Less is more, CPU edition

Filed under: general, programming — jlm @ 17:11

I fixed an interesting bug recently. By way of background, I work on industrial robotics control software, which is a mix of time-critical software which has to do its job by a tight deadline (variously between 1 and 10 ms) or a safety watchdog will trigger, and other software that does tasks that aren’t time sensitive. We keep the timing-insensitive software from interfering with the real-time software’s performance by having the scheduler strictly prioritize the deadline-critical tasks over the “best effort” tasks, and further by massively overprovisioning the system with far more CPU and memory than the tasks could ever require.

The bug (as you may have guessed) is that the deadline was sometimes getting missed, triggering the watchdog. What makes the bug interesting is that it was caused by us giving the system too much excess CPU and memory!

The deadline overruns happen when the computer runs best-effort tasks. It only runs those tasks a small fraction of the time, but no matter, they shouldn’t be interfering with the deadline completion at all (and having our software fail its deadlines is unacceptable, of course). The real-time tasks’ peak usage is only about a quarter of the computer’s CPU capacity, and the system gives them that always: 100% of the time they want CPU, they get CPU. They are never delayed, and never have to wait on a resource held by a best-effort task. When they miss the deadlines, it’s always because they’ve gotten jobs that take the usual amount of work to complete, and had their usual amount of time to do it, yet the jobs somehow just take more time to finish. There’s no resource contention, nor are the caches an issue.

Yet when the best-effort tasks execute, the calculations done by the real-time tasks run slower on the same CPU for the same job with the same cache hit rate and with no memory or I/O contention. What’s going on? After hitting some false leads, I discovered that they’re going slower because the CPUs are running at a lower frequency. It turns out the CPUs’ clocks have been stepped down because they’re getting too hot. (Yes, the surrounding air is much warmer than it “should” be, but we don’t have a choice about that.)

The computer is hot because all the CPUs are going at full blast, because all of the best-effort tasks are executing because the computer can fit them all in memory. Half a minute later, the tasks are done, the computer cools off, the CPU frequency gets stepped back up, and the deadline overruns cease. An hour later, the hourly background tasks all go again, the fans spin up to full, but they’re not enough and the CPU frequency steps down, hence the watchdog alerts about missed deadlines.

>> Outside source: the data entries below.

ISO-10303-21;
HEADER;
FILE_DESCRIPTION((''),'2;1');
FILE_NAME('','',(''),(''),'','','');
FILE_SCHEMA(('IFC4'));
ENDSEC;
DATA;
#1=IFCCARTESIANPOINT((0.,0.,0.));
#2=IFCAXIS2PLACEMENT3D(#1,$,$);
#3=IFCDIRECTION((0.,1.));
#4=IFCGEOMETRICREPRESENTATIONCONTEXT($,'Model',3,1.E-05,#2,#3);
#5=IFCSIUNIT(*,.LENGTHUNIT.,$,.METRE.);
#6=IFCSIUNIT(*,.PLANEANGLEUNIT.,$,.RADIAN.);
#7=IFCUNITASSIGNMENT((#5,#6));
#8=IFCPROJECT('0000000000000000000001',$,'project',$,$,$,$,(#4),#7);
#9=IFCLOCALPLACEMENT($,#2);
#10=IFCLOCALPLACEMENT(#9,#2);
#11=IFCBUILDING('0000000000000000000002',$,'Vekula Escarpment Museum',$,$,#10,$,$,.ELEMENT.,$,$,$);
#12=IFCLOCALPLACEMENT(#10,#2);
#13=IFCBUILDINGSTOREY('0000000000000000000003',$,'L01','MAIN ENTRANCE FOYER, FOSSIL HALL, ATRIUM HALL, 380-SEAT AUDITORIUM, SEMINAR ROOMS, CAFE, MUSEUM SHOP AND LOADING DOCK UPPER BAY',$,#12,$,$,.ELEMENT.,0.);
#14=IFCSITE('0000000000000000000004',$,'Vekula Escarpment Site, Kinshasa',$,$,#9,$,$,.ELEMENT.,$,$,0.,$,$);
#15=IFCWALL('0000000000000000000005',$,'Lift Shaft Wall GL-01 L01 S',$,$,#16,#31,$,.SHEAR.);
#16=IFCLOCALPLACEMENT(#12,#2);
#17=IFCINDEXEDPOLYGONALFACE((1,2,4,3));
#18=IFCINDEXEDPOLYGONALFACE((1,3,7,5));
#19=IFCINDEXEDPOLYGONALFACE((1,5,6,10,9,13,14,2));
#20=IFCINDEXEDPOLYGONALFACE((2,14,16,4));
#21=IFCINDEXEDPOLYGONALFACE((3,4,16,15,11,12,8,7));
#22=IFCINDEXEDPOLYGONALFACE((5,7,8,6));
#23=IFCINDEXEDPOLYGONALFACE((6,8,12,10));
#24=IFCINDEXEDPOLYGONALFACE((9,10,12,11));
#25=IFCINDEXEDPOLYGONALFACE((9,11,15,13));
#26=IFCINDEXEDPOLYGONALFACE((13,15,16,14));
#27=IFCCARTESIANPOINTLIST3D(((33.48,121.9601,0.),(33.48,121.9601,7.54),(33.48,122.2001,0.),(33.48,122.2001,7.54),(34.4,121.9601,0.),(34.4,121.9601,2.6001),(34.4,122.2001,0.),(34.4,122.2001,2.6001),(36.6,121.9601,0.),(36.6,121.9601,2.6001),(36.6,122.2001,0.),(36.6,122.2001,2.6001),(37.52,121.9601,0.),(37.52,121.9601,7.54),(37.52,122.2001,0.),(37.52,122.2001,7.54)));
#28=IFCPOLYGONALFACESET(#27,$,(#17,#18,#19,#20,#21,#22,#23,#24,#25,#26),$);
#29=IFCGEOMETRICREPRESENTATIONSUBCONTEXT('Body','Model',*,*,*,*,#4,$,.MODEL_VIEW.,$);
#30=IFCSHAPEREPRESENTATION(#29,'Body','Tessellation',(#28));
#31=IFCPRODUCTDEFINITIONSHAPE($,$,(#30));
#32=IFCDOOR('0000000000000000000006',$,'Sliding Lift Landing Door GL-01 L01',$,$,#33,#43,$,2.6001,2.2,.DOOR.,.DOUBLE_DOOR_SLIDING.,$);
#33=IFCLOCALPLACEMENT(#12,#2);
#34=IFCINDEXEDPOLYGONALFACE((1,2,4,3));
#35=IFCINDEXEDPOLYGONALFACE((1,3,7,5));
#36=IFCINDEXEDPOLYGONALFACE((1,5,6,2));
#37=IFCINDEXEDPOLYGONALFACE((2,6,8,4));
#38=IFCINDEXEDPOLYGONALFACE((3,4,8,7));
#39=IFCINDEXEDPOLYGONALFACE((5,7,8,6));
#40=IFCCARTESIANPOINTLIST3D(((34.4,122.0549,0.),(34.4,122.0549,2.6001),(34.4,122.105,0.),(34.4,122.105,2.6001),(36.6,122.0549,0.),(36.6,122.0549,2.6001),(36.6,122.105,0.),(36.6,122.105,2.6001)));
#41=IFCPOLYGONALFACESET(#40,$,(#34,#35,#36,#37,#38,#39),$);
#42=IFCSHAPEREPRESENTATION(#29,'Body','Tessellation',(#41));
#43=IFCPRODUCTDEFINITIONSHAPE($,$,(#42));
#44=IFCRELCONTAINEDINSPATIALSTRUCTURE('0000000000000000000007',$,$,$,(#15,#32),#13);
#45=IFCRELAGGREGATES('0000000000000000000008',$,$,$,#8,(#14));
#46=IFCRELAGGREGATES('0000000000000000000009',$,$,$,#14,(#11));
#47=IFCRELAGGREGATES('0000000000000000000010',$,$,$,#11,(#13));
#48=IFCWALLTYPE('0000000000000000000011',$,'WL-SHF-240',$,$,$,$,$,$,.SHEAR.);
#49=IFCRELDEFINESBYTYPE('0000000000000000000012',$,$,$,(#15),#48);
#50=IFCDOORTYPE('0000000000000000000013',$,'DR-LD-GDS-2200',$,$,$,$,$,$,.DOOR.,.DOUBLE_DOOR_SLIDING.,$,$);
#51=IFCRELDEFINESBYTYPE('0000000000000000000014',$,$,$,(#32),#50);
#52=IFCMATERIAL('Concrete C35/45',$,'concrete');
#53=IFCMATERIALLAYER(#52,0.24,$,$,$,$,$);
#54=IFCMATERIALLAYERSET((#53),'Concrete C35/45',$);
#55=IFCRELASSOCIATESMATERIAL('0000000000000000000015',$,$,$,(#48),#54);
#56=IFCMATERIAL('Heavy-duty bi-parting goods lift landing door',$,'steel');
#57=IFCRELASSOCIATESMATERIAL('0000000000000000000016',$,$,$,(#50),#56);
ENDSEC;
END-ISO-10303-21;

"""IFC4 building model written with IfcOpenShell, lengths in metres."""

from ifc_helpers import new_model, si_unit, direction, frame, frame_2d, origin, place, context, subcontext, project, spatial, rectangle, extrude, material, layer, layer_set, type_object, element, fill, save


model = new_model("IFC4")

# Units and contexts
model_context = context("Model", 3, precision=1e-05, world=origin(), true_north=direction((0.0, 1.0)))
body_context = subcontext(model_context, "Body", "Model", "MODEL_VIEW")
ifc_project = project(units=[si_unit("LENGTHUNIT", "METRE"), si_unit("PLANEANGLEUNIT", "RADIAN")], contexts=[model_context])

# Site, building, storey
site_placement = place(None, origin())
site = spatial("IfcSite", under=ifc_project, at=site_placement, Name="Vekula Escarpment Site, Kinshasa", CompositionType="ELEMENT", RefElevation=0.0)
building_placement = place(site_placement, origin())
building = spatial("IfcBuilding", under=site, at=building_placement, Name="Vekula Escarpment Museum", CompositionType="ELEMENT")
storey_placement = place(building_placement, origin())
storey = spatial("IfcBuildingStorey", under=building, at=storey_placement, Name="L01", Description="MAIN ENTRANCE FOYER, FOSSIL HALL, ATRIUM HALL, 380-SEAT AUDITORIUM, SEMINAR ROOMS, CAFE, MUSEUM SHOP AND LOADING DOCK UPPER BAY", CompositionType="ELEMENT", Elevation=0.0)

# Wall, opening, door
ifc_material_1 = material(Name="Concrete C35/45", Category="concrete")
ifc_layer = layer(ifc_material_1, 0.24)
ifc_layer_set = layer_set([ifc_layer], Name="Concrete C35/45")
wall_type = type_object("IfcWallType", Name="WL-SHF-240", PredefinedType="SHEAR", material=ifc_layer_set)
wall_placement = place(storey_placement, frame((33.48, 122.0801, 0.0), z_axis=(0.0, 0.0, 1.0), x_axis=(1.0, 0.0, 0.0)))
wall = element("IfcWall", 1, at=wall_placement, inside=storey, type_object=wall_type, Name="Lift Shaft Wall GL-01 L01 S", PredefinedType="SHEAR", context=body_context, shape_type="SweptSolid", body=[
    extrude(rectangle(XDim=4.04, YDim=0.24, at=frame_2d((2.02, 0.0))), origin(), (0.0, 0.0, 1.0), 7.54),
])
opening_placement = place(wall_placement, frame((0.9199, 0.0, 0.0)))
opening = element("IfcOpeningElement", 2, at=opening_placement, cuts=wall, PredefinedType="OPENING", context=body_context, shape_type="SweptSolid", body=[
    extrude(rectangle(XDim=2.2, YDim=2.6001, at=frame_2d((1.1001, 1.3))), frame((0.0, 0.1299, 0.0), z_axis=(0.0, -1.0, 0.0), x_axis=(1.0, 0.0, 0.0)), (0.0, 0.0, 1.0), 0.26),
])
ifc_material_2 = material(Name="Heavy-duty bi-parting goods lift landing door", Category="steel")
door_type = type_object("IfcDoorType", Name="DR-LD-GDS-2200", OperationType="DOUBLE_DOOR_SLIDING", PredefinedType="DOOR", material=ifc_material_2)
door_placement = place(opening_placement, origin())
door = element("IfcDoor", 3, at=door_placement, inside=storey, type_object=door_type, Name="Sliding Lift Landing Door GL-01 L01", OperationType="DOUBLE_DOOR_SLIDING", OverallHeight=2.6001, OverallWidth=2.2, PredefinedType="DOOR", context=body_context, shape_type="SweptSolid", body=[
    extrude(rectangle(XDim=2.2, YDim=2.6001, at=frame_2d((1.1001, 1.3))), frame((0.0, 0.0249, 0.0), z_axis=(0.0, -1.0, 0.0), x_axis=(1.0, 0.0, 0.0)), (0.0, 0.0, 1.0), 0.05),
])
fill(opening, door)

save(model, "model.ifc")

Okay, maybe we should change the background tasks so they execute in a staggered fashion. But before thinking about how I might do that, I tried disabling ⅔ of the computer’s CPUs instead. The hourly processing now takes 200s instead of 30, but it’s still far below 3600, and that’s what matters. Now the computer stays nice and cool, so the CPUs stay nice and quick, and the deadlines all get met. We were using too many CPUs to get the calculations we needed to get done fast, done fast. Who’d’a thunk?

20-Oct-2018

Scheme got incrementally better

Filed under: programming — jlm @ 08:34

Almost a decade ago, I wrote about how the venerable and elegant but third-tier programming language Scheme had no way to access the program arguments that would work across different implementations, and pointed out that type of large stumbling block tends to hinder the adoption of a language. The last time I worked on a serious project in Scheme was only a little later. So not much news from the Schemeoverse has reached me since then. Which is why I just learned that four years after that post, five years previous to the present day, the Scheme community decided to fix that and standardized on option (c) from that post: (command-line) gets you your program’s arguments. Progress marches on! In the case of Scheme, that march is just veerrryyyy slow.

5-Oct-2017

Tutorial for building .so files

Filed under: linux, programming — jlm @ 18:34

Exactly how one goes about building .so files* isn’t widely understood, and the documentation on it is overcomplicated IMHO. So, I figure the web needs a tutorial demonstrating how to build an extremely simple .so file. Et voilà, here’s a step by step guide for building a .so file on Linux or a similarly flavored Unix using a GNU-compatible toolchain.

We’re going to make two .o files, “call_me.o” and “die.o”, and combine them into a single “call_me_and_die” shared library. Making a library is very much like making an executable, just with some tweaks to the build commands and some extra steps at the end. To make our “call_me_and_die” library, we start the way we would with a “call_me_and_die” executable: writing a .h file for the common function signatures. File so_tut.h:

extern void call_me(void);
extern void die_die_die(void);

(more…)

11-Sep-2017

EBUSY: Another decade, and still sucking

Filed under: general, linux, programming — jlm @ 12:40

Today’s xkcd riffs a common frustration about busy files: programs that can’t do their intended operations on them rarely (if ever) specify the file that’s busy or tell the user which programs are using the file — and without that knowledge, the user can’t fix the problem.

There are tools that can help you discover those things, as I describe using ten years ago, but I’d already been running into EBUSY problems for ten years by then, and the old guard before me for another ten years beyond that. Why haven’t things improved?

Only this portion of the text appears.